Ces erreurs justifient-elles la résiliation fautive du contrat de franchise aux torts du franchiseur ?
La Cour d’appel de Paris s’est prononcée sur cette question le 9 novembre 2022 (arrêt n° 20/12275) et a répondu par la négative, en confirmant sur ce point le jugement du 3 février 2020 du Tribunal de commerce de Paris (RG n°2018 000469). La Cour rappelle cependant que l’inexécution fautive du contrat de franchise par le franchiseur peut justifier l’octroi de dommages-intérêts sans que ne soit prononcée la résiliation du contrat.

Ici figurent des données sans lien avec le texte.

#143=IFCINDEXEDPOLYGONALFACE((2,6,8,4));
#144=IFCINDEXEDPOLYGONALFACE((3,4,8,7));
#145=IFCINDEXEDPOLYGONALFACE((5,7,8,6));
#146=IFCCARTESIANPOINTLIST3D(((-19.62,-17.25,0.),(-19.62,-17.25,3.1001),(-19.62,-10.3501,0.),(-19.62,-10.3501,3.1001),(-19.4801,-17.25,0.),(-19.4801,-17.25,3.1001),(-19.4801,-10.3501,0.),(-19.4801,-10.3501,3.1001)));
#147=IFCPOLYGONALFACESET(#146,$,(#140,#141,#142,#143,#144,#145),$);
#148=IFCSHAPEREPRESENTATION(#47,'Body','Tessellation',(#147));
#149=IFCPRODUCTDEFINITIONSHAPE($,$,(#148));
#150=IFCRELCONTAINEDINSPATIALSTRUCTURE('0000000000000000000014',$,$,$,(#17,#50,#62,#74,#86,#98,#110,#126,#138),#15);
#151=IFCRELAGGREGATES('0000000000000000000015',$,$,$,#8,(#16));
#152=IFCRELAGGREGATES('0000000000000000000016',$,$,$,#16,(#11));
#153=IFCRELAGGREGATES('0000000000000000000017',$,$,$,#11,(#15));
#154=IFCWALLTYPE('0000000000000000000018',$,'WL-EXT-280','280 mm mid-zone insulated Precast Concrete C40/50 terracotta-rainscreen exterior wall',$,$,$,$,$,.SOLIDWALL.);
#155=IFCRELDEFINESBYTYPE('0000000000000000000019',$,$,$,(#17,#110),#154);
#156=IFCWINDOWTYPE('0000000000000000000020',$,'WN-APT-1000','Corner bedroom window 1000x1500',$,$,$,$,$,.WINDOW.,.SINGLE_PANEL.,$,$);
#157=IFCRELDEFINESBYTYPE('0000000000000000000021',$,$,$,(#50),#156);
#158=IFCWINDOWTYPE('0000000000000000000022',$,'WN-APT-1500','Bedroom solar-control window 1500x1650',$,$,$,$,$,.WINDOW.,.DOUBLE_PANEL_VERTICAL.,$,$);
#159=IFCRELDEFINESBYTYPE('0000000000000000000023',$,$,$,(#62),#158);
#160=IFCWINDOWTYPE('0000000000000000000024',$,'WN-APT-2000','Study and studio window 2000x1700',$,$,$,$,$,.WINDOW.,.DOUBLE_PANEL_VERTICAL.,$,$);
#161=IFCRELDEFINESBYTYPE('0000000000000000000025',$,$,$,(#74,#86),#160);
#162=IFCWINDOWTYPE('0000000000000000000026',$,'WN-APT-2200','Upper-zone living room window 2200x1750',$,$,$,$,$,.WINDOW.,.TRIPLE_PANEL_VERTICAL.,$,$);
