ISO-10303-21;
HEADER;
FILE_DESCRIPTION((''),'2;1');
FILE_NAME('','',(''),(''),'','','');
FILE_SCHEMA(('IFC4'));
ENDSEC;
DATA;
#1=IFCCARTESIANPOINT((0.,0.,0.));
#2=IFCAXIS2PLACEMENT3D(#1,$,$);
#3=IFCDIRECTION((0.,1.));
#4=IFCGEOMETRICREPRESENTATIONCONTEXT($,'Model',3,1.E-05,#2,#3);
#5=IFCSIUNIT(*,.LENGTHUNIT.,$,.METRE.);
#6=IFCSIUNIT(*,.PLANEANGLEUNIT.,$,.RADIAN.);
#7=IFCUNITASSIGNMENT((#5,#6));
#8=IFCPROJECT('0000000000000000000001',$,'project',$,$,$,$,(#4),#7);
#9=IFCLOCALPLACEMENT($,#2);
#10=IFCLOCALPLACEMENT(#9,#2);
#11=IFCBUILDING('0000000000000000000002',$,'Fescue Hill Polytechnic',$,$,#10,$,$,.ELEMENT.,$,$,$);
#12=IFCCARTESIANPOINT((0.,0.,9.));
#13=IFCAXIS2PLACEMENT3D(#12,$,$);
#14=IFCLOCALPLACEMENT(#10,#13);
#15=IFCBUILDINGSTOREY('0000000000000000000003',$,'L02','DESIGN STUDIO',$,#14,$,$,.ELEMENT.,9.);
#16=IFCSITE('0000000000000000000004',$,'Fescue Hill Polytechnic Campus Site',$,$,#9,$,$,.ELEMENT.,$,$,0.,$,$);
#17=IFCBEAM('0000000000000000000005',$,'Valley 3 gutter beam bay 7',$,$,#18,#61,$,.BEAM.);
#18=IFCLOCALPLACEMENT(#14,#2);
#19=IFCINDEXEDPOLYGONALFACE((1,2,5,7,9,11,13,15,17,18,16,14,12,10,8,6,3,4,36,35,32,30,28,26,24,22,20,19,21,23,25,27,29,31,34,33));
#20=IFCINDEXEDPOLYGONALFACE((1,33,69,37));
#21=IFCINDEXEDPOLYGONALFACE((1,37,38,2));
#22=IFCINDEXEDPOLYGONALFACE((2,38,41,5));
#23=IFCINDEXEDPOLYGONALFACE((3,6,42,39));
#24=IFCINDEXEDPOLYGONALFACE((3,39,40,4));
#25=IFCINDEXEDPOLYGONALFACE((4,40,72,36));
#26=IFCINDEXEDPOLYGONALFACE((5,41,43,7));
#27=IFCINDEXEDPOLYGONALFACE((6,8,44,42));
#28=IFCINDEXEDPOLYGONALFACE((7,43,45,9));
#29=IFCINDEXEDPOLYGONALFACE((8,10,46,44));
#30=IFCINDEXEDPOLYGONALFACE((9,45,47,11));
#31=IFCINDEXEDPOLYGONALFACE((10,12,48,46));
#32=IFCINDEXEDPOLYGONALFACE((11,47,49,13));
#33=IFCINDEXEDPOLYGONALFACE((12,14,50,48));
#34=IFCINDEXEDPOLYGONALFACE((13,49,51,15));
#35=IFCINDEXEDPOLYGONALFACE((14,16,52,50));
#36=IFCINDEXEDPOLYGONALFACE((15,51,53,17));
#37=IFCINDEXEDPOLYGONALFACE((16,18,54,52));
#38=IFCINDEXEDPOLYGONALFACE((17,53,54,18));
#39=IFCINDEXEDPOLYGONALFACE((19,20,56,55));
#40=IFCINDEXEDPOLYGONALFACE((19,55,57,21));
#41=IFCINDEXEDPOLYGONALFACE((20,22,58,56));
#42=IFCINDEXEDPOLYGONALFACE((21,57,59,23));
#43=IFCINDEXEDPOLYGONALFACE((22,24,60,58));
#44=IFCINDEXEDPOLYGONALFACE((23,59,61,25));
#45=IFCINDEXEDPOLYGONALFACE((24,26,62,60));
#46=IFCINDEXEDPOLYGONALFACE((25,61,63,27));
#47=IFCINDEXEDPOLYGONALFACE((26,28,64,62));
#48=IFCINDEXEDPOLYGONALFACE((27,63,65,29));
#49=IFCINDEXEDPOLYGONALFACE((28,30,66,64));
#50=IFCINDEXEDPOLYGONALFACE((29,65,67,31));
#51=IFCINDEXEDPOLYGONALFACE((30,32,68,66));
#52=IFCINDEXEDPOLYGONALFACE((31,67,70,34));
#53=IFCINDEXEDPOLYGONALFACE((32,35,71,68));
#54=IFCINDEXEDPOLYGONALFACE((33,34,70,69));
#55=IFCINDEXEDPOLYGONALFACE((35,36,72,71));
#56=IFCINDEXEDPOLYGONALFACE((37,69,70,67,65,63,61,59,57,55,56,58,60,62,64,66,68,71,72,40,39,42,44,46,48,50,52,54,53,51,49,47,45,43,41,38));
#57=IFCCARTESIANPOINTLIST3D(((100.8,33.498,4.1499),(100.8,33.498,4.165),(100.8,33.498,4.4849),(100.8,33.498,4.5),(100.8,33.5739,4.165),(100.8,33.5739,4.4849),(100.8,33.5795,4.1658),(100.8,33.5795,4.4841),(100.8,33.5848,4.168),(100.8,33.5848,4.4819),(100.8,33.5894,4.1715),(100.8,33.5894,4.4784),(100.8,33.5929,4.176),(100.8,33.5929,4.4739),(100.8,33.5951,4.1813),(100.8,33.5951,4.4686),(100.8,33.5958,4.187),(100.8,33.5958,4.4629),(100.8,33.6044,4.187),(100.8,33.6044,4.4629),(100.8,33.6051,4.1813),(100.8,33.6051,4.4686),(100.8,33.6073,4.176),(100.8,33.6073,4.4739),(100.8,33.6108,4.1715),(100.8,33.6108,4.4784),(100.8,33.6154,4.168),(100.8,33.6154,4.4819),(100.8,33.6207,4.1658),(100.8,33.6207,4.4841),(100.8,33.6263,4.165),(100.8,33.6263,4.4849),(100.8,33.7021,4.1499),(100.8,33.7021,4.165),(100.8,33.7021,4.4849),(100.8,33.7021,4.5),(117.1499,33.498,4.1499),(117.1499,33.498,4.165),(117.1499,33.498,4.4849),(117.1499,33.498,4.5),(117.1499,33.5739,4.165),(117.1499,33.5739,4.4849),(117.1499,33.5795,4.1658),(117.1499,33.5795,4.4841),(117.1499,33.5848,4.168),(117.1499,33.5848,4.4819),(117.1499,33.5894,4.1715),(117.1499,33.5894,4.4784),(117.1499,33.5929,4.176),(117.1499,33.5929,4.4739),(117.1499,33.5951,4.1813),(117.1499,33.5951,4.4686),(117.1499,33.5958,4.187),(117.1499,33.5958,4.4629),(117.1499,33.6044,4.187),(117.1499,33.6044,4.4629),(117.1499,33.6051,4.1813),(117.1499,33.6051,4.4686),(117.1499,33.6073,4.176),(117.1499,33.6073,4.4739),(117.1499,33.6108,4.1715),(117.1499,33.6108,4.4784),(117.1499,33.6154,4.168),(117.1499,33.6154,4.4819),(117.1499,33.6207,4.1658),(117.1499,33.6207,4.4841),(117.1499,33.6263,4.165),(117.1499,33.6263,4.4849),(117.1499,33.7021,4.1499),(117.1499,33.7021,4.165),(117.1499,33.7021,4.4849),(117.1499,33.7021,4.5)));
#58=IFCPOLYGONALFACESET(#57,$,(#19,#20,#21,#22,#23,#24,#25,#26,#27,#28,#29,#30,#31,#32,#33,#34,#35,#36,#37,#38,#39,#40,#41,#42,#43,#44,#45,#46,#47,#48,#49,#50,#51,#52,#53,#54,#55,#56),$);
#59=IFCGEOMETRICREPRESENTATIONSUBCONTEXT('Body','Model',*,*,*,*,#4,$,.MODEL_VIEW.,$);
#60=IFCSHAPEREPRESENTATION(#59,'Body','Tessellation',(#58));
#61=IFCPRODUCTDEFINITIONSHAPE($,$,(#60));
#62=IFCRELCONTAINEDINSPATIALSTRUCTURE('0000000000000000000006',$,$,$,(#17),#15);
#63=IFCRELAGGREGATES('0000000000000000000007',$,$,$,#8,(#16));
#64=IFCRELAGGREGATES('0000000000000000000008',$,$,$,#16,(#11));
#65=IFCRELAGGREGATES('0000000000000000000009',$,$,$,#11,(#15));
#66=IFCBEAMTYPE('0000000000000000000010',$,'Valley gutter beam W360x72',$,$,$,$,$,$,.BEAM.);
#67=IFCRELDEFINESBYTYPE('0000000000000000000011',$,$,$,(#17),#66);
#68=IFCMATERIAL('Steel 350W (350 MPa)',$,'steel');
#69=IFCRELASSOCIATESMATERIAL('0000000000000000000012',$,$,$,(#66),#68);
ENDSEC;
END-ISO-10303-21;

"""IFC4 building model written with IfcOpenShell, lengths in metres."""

from ifc_helpers import new_model, si_unit, direction, frame, origin, origin_2d, place, context, subcontext, project, spatial, i_section, extrude, material, material_profile, profile_set, type_object, element, save


model = new_model("IFC4")

# Units and contexts
model_context = context("Model", 3, precision=1e-05, world=origin(), true_north=direction((0.0, 1.0)))
body_context = subcontext(model_context, "Body", "Model", "MODEL_VIEW")
ifc_project = project(units=[si_unit("LENGTHUNIT", "METRE"), si_unit("PLANEANGLEUNIT", "RADIAN")], contexts=[model_context])

# Site, building, storey
site_placement = place(None, origin())
site = spatial("IfcSite", under=ifc_project, at=site_placement, Name="Fescue Hill Polytechnic Campus Site", CompositionType="ELEMENT", RefElevation=0.0)
building_placement = place(site_placement, origin())
building = spatial("IfcBuilding", under=site, at=building_placement, Name="Fescue Hill Polytechnic", CompositionType="ELEMENT")
storey_placement = place(building_placement, frame((0.0, 0.0, 9.0)))
storey = spatial("IfcBuildingStorey", under=building, at=storey_placement, Name="L02", Description="DESIGN STUDIO", CompositionType="ELEMENT", Elevation=9.0)

# Shared definitions
ifc_material = material(Name="Steel 350W (350 MPa)", Category="steel")

# Beam
ifc_material_profile_1 = material_profile(ifc_material, i_section(OverallWidth=0.2041, OverallDepth=0.3501, WebThickness=0.0085, FlangeThickness=0.0151, FilletRadius=0.022, at=origin_2d()), Name="W360x72")
ifc_profile_set_1 = profile_set([ifc_material_profile_1], Name="Steel 350W (350 MPa)")
beam_type = type_object("IfcBeamType", Name="Valley gutter beam W360x72", PredefinedType="BEAM", material=ifc_profile_set_1)
for number, where, z_axis, x_axis, name in (
    (1, (100.8, 33.6001, 4.325), (1.0, 0.0, 0.0), (0.0, 1.0, 0.0), "Valley 3 gutter beam bay 7"),
):
    element("IfcBeam", number, at=place(storey_placement, frame(where, z_axis=z_axis, x_axis=x_axis)), inside=storey, type_object=beam_type, Name=name, PredefinedType="BEAM", context=body_context, shape_type="SweptSolid", body=[
        extrude(i_section(OverallWidth=0.2041, OverallDepth=0.3501, WebThickness=0.0085, FlangeThickness=0.0151, FilletRadius=0.022, at=origin_2d()), origin(), (0.0, 0.0, 1.0), 16.3499),
    ])

save(model, "model.ifc")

C’est ce qui a été fait en l’espèce : si les manquements du franchiseur ne peuvent justifier la résiliation du contrat plusieurs années après la réalisation des travaux et s’il n’y a pas eu de la part du franchisé de renonciation tacite de demander réparation (preuve qui était rapportée en l’espèce, notamment par des courriers et des mises en demeure adressées par le franchisé au franchiseur), la demande de dommages-intérêts a été accueillie et le franchiseur a été condamné à indemniser le franchisé de son préjudice. La Cour précise ceci : « il résulte de l’ensemble de ces constatations, que c’est à juste titre que le tribunal a retenu des manquements de la part du franchiseur dans la définition préalable des travaux nécessaires à l’agencement de la boutique et dans le suivi de leur exécution, mais n’ayant contribué que pour une part dans la dérive des coûts des travaux d’aménagement de la boutique (…) et dans le retard pris pour l’ouverture de la boutique, et évalué à la somme de 1.720.000 euros non utilement contestée à hauteur d’appel suivant les différentes consultations versées aux débats (…). La cour retiendra également une part de 50% de ce surcoût (…) soit la somme de 860 000 euros et le jugement sera confirmé sur ce point ». Le tribunal et la cour d’appel ont fait ici usage de leur pouvoir d’apprécier le dommage du franchisé.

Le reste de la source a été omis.